La continua diminuzione dei costi nel settore della logistica, e non solo in questo, è da tradurre in maggiori guadagni per multinazionali, azionisti e dirigenti, denari che non finiranno mai nelle buste paga dei lavoratori
di Marco Sommariva*
Oggi desidero annoiarvi col raccontarvi la mia giornata di ieri e non per eccesso di egocentrismo, ma perché la ritengo parecchio indicativa dei tempi che stiamo vivendo, o meglio, dei tempi che ci stanno facendo vivere.
Inizio col dirvi che, per la giornata di ieri, mi ero preso otto ore di ferie per avere tutto il tempo necessario a svolgere diverse commissioni personali, piacevoli e non.

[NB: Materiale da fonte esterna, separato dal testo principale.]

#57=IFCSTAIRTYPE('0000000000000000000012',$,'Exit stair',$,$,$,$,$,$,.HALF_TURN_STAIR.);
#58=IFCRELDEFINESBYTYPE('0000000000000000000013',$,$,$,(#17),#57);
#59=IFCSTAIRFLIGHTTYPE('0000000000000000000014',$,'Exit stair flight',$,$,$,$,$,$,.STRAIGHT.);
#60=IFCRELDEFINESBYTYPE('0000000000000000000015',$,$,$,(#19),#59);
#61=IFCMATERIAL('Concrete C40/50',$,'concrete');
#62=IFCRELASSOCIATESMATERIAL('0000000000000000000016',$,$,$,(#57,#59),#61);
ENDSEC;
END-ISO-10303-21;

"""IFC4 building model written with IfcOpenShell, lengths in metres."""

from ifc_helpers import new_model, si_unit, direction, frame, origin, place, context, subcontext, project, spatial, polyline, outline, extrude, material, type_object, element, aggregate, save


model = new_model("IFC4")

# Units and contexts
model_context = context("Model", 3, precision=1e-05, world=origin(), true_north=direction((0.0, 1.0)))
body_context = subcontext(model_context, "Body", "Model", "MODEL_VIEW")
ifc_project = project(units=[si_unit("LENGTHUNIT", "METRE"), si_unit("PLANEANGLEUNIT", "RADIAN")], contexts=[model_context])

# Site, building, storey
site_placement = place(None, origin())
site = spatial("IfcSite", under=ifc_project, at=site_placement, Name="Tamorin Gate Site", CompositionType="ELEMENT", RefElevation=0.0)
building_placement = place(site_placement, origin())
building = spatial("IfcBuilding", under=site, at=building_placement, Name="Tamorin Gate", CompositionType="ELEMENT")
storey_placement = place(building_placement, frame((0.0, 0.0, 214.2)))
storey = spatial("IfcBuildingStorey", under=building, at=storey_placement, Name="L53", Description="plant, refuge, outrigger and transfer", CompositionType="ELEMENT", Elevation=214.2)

La prima commissione era di quelle piacevoli, ritirare il doppio cd dei The Clash, Sandinista!, presso uno dei pochi negozi di dischi rimasto a Genova, gestito da un amico: l’avevo prenotato e, dopo giorni di attesa, ero stato avvisato dell’arrivo del cofanetto in mattinata. A grandi linee, eccovi cosa mi dice l’amico gestore dell’attività quando mi presento in negozio:
“Marco, mi spiace, ma non è arrivato, o forse sì ma il corriere non trovava il pacco destinato al mio negozio, forse gliel’avevano caricato per primo e restava dietro tutti gli altri. Dopo un po’ che lo cercava gli ho detto io di andare via. Io, però, non segnalerei la cosa al suo datore di lavoro: son tutti ragazzi quelli che sfrutta questo Corriere, sudamericani che sanno a malapena parlare l’italiano, costretti a pagarsi le multe e una specie di penale per ogni pacco non consegnato in giornata. Alcuni mi dicono dover farsi carico anche della manutenzione del mezzo. Quando stamattina il ragazzo è arrivato qua e ha aperto il furgone, c’erano stipati dentro decine e decine di pacchi da consegnare entro stasera e mi ha fatto tenerezza. Sei d’accordo se non segnalo nulla e magari torni un altro giorno? È perché sono certo che se la prenderebbero con lui, è già successo. Ti chiamo io quando avrò il disco fisicamente in negozio, ok?”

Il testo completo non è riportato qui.